It should be understood that knowledge in a knowledge graph is divided into display knowledge and implicit knowledge:

explicit knowledge refers to: knowledge of the correct determination is already known. The knowledge is generally derived from production process data and collected and mastered data in the chemical industry, and the explicit knowledge is characterized by sparsity, namely sparse relation between entities.

Implicit knowledge refers to: unknown correct knowledge. That is, there is a relationship between entities in the knowledge graph, but the two entities are not linked. This correct knowledge is not embodied in the knowledge-graph, but is implicit in the knowledge-graph. For the fault diagnosis of the chemical process, each piece of knowledge is important. Only if the implicit knowledge is mined, the information covered by the knowledge graph is more complete. The present disclosure uses the projE model that considers semantic information for knowledge graph completion.

As one or more embodiments, in S106, performing quality assessment on the multi-level knowledge graph; the method comprises the following specific steps:

removing one of the entities in the known triplet < h, r, t > to make the triplet < h, r,? Form >; using the ProjE model that considers semantic information for triples < h, r? And (3) predicting the missing entity t, wherein if the predicted entity is consistent with the original entity, the quality of the knowledge graph is high, otherwise, the quality of the knowledge graph is low, and the quality of the knowledge in the knowledge graph is judged.

For example, for a multi-level knowledge graph of the separation styrene process, we know that < reactor pressure value, influence, separator pressure value > is the correct knowledge, we remove one of the entities of the triplet to make the triplet < reactor pressure value, influence,? By considering the projE model of semantic information, it is predicted whether the missing entity in the triplet is a separator pressure value. One entity of the multiple groups of triples is removed, and if the ProjE model taking semantic information into consideration can accurately predict that the missing entities are the entities in the original triples, the constructed multi-level knowledge graph is higher in quality.

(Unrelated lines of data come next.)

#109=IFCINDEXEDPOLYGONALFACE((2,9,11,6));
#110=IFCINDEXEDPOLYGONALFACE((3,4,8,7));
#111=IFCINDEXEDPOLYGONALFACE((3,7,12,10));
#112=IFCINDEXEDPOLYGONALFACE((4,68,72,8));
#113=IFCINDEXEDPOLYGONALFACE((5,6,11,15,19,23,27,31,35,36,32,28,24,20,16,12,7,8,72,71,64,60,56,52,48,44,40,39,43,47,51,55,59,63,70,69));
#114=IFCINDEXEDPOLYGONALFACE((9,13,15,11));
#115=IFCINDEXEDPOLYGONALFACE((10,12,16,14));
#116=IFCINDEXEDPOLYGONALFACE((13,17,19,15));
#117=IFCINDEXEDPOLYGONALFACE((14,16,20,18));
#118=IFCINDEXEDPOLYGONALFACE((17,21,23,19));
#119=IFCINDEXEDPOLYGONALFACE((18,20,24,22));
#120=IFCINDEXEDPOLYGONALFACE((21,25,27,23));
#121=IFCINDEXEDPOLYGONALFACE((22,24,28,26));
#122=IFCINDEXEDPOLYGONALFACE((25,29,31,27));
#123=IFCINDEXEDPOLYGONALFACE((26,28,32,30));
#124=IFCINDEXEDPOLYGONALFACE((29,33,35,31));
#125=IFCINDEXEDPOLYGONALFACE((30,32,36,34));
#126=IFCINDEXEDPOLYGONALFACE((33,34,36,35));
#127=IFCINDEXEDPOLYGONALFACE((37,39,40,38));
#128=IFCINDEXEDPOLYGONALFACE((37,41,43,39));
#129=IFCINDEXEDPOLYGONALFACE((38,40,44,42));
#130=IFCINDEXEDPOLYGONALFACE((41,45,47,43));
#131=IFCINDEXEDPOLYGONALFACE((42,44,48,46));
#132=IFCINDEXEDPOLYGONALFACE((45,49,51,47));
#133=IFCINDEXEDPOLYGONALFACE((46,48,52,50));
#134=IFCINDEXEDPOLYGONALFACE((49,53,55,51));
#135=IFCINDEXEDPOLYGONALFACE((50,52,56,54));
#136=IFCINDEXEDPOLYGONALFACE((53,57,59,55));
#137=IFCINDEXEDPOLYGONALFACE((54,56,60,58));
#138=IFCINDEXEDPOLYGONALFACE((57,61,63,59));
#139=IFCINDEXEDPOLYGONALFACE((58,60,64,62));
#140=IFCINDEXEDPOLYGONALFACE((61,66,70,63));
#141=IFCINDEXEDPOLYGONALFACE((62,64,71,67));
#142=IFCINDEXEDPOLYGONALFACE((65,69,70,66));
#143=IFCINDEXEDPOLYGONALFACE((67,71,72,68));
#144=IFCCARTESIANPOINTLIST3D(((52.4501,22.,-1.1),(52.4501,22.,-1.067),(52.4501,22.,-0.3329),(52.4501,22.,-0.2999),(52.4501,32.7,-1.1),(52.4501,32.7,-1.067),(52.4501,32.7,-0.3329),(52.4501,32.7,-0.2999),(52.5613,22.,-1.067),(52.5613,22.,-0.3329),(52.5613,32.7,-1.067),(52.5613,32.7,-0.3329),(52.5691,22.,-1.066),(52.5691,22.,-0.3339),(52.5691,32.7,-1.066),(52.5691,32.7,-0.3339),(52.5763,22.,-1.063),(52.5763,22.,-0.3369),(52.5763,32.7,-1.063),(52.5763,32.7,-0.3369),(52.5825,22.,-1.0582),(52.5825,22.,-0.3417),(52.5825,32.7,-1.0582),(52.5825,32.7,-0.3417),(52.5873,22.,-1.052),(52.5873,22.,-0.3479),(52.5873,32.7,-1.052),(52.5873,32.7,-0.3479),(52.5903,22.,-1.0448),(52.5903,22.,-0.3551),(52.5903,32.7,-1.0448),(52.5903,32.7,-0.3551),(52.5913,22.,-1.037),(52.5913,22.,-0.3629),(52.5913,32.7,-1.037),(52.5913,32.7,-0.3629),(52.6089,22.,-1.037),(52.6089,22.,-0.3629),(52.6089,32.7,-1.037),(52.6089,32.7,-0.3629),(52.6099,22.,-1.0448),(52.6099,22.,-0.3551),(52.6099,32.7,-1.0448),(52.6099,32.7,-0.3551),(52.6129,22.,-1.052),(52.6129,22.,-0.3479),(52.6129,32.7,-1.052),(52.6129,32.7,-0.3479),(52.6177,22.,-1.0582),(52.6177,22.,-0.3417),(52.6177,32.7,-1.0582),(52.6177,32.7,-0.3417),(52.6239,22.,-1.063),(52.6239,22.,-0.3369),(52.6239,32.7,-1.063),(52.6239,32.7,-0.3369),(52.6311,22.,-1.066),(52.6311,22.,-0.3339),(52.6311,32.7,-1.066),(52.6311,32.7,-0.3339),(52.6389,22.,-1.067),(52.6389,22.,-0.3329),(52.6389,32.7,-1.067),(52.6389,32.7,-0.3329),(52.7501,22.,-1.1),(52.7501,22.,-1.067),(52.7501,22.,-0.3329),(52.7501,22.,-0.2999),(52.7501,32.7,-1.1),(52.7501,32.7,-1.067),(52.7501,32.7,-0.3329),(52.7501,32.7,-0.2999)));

Fig. 1 is a schematic diagram of a multi-level knowledge graph proposed in the present disclosure. The multi-level knowledge graph which is to be constructed in the disclosure is shown in fig. 1, the knowledge graph is divided into different levels, and meanwhile, the levels are associated with each other.

Fig. 2 is a schematic diagram of multi-level knowledge graph data acquisition in the chemical field according to the present disclosure.

The working steps are as follows: the data acquisition procedure is divided into four modules: the system comprises a scheduling module (a link request needing to be crawled next), a crawler module (extracting needed data and a link needing to be crawled next), a downloading module (linking with the Internet and acquiring a webpage response), and a data processing module (processing the crawled data).

The specific workflow of the framework is as follows: when the engine needs to request, the scheduling module receives the request of the crawler module and transmits the request to the downloading module. The downloading module sends a request to the appointed website, receives the response and then transmits the response to the crawler module. The crawler module analyzes the webpage response acquired by the downloading module, extracts required data and a link request to be crawled, transmits the data to the data processing module, and transmits the link request to be crawled to the scheduling module. The data processing module purifies and formats the crawled data to form a usable form.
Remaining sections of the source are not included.